Commentary: Give Medicare A Strong Dose Of Managed Care

When Virginia A. Marhefka retired from Digital Equipment Corp. in 1992, she took a step stunning to Washington's lobbyists for the elderly: She dropped her traditional health insurance and joined a health maintenance organization. "I knew eventually I would need the kind of services I get from an HMO," explains Marhefka, who's a former software buyer in Clinton, Mass.

Her HMO, Fallon Community Health Plan, pays for preventive checkups, blood-pressure medicines, and a dietician to help her control her diabetes. Therefore, when she turned 65 in November, Marhefka refused to even consider abandoning Fallon for the standard Medicare insurance package, which wouldn't cover all those extra services she needed.

LOST LOVE. Mrs. Marhefka, please drop a line to Washington. For the capital's health and budget experts, it's an article of faith that seniors so love Medicare they wouldn't tolerate the slightest change. So, while Medicare's trust fund is going broke, politicians talk timidly about squeezing nickel-and-dime savings from doctors' and hospitals' fees. That approach would barely dent Medicare's soaring costs, let alone offer hope of controlling the federal budget.

Instead of tinkering, Congress should overhaul Medicare--now. Its models should be the Federal Employees Health Benefits Program and the pioneering benefit schemes of such companies as Digital and Xerox Corp. Congress should replace Medicare with a system of vouchers that seniors could use to choose any health plan that meets federal standards for quality and service. Most likely to prevail under such an approach would be managed-care systems, which provide more services for less money than does traditional Medicare.

Managed care's ability to limit health spending is constantly improving. In 1994, private companies saw their health-benefit costs per employee fall by 1.1%--the first drop in two decades, according to benefits consultants A. Foster Higgins & Co. Some of the savings came from a dramatic rise in managed-care enrollment. But leading HMOs also are rooting out inefficient treatments and promoting preventive medical practices that promise to keep costs on a slow track in the future.

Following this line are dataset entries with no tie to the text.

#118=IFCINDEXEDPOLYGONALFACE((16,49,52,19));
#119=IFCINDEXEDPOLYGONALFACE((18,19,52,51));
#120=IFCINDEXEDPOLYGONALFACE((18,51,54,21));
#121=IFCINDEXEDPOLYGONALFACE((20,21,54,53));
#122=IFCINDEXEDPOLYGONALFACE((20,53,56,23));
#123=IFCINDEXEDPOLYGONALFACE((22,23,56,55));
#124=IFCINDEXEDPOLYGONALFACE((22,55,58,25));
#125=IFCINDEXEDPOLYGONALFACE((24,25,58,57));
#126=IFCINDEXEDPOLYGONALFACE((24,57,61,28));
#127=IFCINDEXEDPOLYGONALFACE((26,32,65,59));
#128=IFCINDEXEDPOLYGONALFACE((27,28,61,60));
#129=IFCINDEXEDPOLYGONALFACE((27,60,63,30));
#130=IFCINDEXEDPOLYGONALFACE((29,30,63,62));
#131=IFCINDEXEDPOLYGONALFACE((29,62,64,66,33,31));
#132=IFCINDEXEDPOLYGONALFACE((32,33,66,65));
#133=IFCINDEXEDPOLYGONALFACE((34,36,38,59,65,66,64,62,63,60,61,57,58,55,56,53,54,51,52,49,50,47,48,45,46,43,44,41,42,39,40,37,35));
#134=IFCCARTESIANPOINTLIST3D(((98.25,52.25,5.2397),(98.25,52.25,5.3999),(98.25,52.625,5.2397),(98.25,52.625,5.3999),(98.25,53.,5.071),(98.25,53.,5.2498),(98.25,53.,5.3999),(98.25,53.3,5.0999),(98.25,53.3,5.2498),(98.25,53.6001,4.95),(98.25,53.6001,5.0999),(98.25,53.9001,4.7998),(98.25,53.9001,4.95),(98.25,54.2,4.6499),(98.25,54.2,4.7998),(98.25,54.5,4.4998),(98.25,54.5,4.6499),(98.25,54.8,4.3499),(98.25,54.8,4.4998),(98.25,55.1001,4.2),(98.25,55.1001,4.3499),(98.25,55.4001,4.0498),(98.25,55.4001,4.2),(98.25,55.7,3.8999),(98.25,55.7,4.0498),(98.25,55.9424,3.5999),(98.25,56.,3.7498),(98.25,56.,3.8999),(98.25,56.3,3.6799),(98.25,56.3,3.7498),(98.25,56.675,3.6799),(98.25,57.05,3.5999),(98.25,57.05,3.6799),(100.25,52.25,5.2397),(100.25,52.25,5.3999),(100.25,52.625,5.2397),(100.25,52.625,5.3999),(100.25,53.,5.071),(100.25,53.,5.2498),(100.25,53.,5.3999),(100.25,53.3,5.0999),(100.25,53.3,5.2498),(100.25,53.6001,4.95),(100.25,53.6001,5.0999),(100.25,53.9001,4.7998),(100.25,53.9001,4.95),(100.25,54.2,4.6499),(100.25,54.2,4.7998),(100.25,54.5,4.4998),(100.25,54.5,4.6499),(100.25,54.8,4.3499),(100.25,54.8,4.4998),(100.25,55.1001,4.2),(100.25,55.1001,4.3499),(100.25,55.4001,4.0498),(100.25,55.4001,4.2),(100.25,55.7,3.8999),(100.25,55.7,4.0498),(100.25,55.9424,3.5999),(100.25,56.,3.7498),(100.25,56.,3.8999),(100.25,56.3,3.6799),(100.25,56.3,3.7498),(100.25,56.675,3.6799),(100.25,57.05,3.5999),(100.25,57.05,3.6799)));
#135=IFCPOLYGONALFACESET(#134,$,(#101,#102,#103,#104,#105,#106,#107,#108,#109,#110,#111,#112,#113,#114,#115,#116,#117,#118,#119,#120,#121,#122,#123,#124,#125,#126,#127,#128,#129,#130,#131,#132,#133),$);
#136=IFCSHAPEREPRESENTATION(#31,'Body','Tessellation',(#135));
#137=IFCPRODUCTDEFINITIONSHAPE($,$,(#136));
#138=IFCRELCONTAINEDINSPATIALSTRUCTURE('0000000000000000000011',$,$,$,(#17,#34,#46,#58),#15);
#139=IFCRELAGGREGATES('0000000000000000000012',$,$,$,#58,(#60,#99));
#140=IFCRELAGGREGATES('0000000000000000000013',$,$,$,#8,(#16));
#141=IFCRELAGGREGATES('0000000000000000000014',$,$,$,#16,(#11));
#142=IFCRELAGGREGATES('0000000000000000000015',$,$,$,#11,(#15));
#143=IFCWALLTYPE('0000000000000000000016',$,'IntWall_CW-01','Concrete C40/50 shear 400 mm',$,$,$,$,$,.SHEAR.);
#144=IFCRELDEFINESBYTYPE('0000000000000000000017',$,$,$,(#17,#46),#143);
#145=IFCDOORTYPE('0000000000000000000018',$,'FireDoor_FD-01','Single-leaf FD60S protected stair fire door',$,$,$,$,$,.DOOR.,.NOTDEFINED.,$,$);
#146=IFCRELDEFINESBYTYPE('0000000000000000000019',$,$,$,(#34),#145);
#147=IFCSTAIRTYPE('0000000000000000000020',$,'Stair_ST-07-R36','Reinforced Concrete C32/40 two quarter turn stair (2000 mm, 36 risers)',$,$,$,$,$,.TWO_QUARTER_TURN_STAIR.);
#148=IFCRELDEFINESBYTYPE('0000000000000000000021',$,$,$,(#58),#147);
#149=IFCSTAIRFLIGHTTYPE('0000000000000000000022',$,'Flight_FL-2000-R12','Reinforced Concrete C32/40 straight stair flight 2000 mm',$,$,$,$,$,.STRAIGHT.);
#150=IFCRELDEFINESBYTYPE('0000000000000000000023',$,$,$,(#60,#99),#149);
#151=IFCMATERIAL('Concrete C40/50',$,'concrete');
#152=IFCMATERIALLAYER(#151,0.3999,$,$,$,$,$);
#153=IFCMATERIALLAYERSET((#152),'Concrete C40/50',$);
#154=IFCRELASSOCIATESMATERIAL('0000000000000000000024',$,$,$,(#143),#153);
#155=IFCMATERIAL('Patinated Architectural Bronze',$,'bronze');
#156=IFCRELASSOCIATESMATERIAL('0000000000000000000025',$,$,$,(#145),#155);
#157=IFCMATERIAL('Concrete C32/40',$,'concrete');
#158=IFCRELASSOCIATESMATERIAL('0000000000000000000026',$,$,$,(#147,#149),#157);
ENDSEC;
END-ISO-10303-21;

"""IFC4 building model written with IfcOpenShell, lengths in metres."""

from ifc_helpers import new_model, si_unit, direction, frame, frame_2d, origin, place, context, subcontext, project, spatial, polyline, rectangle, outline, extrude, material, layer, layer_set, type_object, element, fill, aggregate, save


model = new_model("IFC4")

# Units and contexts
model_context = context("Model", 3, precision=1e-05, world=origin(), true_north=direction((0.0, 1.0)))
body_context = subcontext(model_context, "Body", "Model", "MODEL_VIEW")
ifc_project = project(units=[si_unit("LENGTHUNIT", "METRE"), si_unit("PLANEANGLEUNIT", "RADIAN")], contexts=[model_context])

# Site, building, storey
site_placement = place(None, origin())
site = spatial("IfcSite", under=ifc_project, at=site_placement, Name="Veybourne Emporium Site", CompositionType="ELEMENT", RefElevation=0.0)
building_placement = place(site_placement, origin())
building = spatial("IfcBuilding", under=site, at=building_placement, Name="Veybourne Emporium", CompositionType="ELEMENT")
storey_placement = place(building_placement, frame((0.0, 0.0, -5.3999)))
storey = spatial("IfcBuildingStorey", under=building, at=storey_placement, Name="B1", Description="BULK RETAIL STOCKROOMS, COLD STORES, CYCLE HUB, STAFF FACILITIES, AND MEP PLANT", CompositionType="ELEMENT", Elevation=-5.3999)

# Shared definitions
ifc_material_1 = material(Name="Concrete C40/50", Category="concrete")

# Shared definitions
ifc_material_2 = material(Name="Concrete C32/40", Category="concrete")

No insurer is riper for such changes than Medicare. Its benefits package--state-of-the-art for 1965--"promotes blank-check medicine," suggests economist Linda A. Bergthold of the health consulting firm Lewin-VHI Inc. Under Medicare, it's easier to collect for a stay in the hospital than for services that would prevent hospitalization. The Medicare plan lacks such basics as prescription-drug coverage and a cap on out-of-pocket costs.

Medicare's own attempts to promote HMOs haven't made managed care widely available or attractive: Only 9% of Medicare's 33 million enrollees are in HMOs, and more innovative preferred-provider plans are available only as an experiment in 15 states. And under Medicare's pricing system, the bulk of managed-care savings go to the HMO--not to the government.

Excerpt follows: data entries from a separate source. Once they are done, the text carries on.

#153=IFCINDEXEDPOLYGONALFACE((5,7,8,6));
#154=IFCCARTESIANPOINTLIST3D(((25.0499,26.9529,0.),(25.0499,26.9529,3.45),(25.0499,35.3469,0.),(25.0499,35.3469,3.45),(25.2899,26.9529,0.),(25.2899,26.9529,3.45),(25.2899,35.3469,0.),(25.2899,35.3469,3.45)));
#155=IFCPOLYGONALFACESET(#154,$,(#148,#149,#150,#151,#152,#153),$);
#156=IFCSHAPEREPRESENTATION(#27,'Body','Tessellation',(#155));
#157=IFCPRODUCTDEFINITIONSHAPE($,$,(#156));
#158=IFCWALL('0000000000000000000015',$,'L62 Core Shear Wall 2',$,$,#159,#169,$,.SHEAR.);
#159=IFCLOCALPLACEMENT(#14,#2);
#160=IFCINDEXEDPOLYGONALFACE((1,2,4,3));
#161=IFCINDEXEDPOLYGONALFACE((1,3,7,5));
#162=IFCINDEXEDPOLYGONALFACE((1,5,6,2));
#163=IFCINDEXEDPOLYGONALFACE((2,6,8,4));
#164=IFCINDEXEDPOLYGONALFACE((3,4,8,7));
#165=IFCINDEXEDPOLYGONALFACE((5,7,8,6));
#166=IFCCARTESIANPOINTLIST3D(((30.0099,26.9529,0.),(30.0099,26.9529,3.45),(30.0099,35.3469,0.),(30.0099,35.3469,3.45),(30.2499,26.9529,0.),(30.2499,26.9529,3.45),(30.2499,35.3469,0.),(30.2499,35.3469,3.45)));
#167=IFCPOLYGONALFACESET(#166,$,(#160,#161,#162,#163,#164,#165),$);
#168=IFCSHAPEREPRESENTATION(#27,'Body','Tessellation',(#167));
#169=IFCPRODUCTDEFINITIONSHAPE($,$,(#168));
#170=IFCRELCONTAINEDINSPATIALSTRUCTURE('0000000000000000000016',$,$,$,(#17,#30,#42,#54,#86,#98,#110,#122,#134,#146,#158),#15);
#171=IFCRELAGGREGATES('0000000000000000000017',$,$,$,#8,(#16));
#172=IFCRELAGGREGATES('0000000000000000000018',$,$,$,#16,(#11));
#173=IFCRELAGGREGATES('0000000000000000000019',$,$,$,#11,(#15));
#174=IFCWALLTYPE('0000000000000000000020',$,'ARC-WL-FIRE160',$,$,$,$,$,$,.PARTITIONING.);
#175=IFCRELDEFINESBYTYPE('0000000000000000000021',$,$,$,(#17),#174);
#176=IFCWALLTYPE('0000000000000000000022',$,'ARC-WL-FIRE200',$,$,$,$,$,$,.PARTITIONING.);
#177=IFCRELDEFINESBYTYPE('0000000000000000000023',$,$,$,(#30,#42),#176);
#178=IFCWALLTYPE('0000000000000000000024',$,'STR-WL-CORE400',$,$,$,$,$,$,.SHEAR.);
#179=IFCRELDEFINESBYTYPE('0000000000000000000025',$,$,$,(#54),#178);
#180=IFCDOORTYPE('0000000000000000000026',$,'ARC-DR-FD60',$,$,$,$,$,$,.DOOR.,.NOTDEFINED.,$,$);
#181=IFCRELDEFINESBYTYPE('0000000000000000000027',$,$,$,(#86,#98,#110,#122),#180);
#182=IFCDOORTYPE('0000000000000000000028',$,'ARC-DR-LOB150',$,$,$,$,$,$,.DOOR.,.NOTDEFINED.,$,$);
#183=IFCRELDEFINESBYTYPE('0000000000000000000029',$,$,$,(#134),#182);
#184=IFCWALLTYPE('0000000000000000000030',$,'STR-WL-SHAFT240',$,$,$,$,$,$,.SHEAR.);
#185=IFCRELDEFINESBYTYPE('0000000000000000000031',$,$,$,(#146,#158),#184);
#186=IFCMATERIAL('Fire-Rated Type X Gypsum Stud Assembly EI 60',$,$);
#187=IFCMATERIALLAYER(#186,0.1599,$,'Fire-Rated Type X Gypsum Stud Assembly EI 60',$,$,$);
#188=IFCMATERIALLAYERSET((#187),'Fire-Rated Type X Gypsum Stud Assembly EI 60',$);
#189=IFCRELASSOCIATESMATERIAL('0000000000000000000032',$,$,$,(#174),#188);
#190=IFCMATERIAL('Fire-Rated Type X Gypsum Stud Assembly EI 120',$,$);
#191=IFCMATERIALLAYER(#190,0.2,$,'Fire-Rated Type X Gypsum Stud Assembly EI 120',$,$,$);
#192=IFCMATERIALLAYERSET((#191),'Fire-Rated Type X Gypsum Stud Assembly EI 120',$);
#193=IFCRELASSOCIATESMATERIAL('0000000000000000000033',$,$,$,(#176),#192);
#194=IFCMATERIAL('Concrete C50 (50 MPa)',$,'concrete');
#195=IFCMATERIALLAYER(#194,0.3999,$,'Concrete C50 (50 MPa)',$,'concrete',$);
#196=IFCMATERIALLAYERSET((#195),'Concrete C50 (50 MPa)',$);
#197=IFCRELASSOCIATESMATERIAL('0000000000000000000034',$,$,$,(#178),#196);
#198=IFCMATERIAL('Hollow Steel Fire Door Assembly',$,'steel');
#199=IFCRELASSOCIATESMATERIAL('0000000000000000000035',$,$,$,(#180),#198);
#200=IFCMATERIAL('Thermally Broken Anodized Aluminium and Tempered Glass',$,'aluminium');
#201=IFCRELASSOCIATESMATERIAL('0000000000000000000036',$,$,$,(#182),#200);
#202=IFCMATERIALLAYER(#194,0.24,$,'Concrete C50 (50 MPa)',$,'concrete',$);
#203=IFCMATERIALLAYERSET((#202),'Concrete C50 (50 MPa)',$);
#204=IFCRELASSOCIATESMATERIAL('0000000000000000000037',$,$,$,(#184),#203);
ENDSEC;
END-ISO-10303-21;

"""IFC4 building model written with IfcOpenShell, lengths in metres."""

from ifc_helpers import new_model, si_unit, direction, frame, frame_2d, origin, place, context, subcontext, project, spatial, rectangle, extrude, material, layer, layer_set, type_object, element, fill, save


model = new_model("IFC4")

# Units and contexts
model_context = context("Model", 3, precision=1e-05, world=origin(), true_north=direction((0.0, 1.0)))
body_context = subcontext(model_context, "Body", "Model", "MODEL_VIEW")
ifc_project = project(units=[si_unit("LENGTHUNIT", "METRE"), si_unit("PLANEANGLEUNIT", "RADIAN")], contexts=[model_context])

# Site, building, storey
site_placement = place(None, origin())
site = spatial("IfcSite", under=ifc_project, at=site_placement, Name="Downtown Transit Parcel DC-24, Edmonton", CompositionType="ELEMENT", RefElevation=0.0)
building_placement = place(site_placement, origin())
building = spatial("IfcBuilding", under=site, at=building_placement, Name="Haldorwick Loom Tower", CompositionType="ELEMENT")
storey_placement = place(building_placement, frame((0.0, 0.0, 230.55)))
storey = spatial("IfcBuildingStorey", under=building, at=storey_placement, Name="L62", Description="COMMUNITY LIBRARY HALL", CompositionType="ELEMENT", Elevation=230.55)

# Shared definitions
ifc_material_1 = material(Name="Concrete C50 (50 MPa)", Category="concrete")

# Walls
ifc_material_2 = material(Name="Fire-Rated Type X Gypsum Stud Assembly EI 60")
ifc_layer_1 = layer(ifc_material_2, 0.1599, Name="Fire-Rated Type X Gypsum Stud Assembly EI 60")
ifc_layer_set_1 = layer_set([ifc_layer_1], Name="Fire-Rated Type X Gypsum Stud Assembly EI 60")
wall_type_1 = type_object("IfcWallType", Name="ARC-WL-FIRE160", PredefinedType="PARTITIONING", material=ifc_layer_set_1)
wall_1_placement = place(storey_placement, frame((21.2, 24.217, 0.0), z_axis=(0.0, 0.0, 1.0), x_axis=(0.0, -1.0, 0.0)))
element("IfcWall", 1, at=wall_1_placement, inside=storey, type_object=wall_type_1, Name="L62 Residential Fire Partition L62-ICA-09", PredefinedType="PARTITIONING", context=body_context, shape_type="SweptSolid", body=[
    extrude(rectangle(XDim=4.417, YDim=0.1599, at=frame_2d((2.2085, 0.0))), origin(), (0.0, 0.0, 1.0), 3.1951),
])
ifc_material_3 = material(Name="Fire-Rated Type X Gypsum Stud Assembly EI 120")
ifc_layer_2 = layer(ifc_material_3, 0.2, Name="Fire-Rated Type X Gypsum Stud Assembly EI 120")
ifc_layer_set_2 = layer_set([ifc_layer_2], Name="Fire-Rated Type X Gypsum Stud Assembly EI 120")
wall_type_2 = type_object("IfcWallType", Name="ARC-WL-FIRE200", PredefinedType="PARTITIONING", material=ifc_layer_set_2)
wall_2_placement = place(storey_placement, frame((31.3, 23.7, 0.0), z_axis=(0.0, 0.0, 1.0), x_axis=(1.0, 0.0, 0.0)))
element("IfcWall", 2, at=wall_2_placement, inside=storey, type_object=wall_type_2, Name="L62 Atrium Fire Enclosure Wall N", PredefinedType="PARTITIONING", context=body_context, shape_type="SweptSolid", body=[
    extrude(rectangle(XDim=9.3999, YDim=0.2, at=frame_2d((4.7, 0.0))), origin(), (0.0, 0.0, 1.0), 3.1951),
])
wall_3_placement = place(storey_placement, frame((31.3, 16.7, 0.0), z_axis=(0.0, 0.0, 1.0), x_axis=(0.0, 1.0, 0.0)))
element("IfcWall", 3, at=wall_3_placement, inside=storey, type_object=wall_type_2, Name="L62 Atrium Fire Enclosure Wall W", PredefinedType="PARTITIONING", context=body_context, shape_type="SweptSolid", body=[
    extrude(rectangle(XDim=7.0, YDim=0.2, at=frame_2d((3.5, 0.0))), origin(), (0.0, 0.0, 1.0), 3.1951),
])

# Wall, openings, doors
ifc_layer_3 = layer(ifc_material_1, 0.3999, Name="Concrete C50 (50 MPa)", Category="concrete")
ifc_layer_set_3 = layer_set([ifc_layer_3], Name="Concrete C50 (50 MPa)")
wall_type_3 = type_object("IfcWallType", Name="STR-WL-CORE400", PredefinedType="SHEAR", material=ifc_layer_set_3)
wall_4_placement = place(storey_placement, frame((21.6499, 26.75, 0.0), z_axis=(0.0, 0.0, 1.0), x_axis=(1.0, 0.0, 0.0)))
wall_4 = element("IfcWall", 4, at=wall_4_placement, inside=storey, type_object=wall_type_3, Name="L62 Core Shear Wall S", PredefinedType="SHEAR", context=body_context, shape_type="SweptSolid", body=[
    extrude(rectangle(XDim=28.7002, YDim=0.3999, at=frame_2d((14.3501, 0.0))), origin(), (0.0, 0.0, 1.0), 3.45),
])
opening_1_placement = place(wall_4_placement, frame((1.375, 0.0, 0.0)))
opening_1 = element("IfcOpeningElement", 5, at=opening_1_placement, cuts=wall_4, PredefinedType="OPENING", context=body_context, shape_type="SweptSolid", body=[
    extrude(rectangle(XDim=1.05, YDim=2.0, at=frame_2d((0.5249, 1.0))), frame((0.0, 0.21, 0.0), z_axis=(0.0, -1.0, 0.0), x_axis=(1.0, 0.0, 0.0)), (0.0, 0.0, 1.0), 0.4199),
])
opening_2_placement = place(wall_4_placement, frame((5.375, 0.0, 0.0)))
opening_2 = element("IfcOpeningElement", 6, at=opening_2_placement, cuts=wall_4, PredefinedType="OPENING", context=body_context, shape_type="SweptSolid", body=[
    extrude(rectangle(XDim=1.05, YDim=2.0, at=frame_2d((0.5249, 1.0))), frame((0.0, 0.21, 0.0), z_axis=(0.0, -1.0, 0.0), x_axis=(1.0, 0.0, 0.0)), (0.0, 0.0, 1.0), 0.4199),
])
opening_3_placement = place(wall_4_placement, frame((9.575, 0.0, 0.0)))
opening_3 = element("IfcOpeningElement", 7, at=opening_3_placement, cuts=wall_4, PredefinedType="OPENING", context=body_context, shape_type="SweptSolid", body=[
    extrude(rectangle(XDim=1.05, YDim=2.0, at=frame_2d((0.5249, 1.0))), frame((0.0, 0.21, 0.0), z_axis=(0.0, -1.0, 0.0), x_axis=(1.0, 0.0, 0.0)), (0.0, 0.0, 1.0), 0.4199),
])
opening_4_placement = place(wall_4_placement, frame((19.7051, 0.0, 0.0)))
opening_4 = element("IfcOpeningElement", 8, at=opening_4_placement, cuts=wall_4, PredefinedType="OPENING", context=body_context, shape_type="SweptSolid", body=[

PLAY OR PAY. Medicare vouchers would offer seniors a clear choice: If they want expensive, uncoordinated fee-for-service medicine, they can simply pay the price. Most beneficiaries would probably decide to give cheaper managed-care plans a try. That could cut Medicare's double-digit spending growth rates in half, says economist J.D. Kleinke of the Baltimore-based health-researcher HCIA Inc.--trimming at least $250 billion off the $1.9 trillion Medicare bill between now and 2002.

Are America's politicians up to such an overhaul? "We are going to rethink Medicare from the ground up," House Speaker Newt Gingrich told the American Hospital Assn. on Jan. 30. However, Gingrich's lieutenants are focusing on minimal changes in premiums and benefits. If the Republicans want to achieve real savings--and to improve the health care that the elderly receive--they should be as bold as Virginia Marhefka and throw out an obsolete and out-of-control system.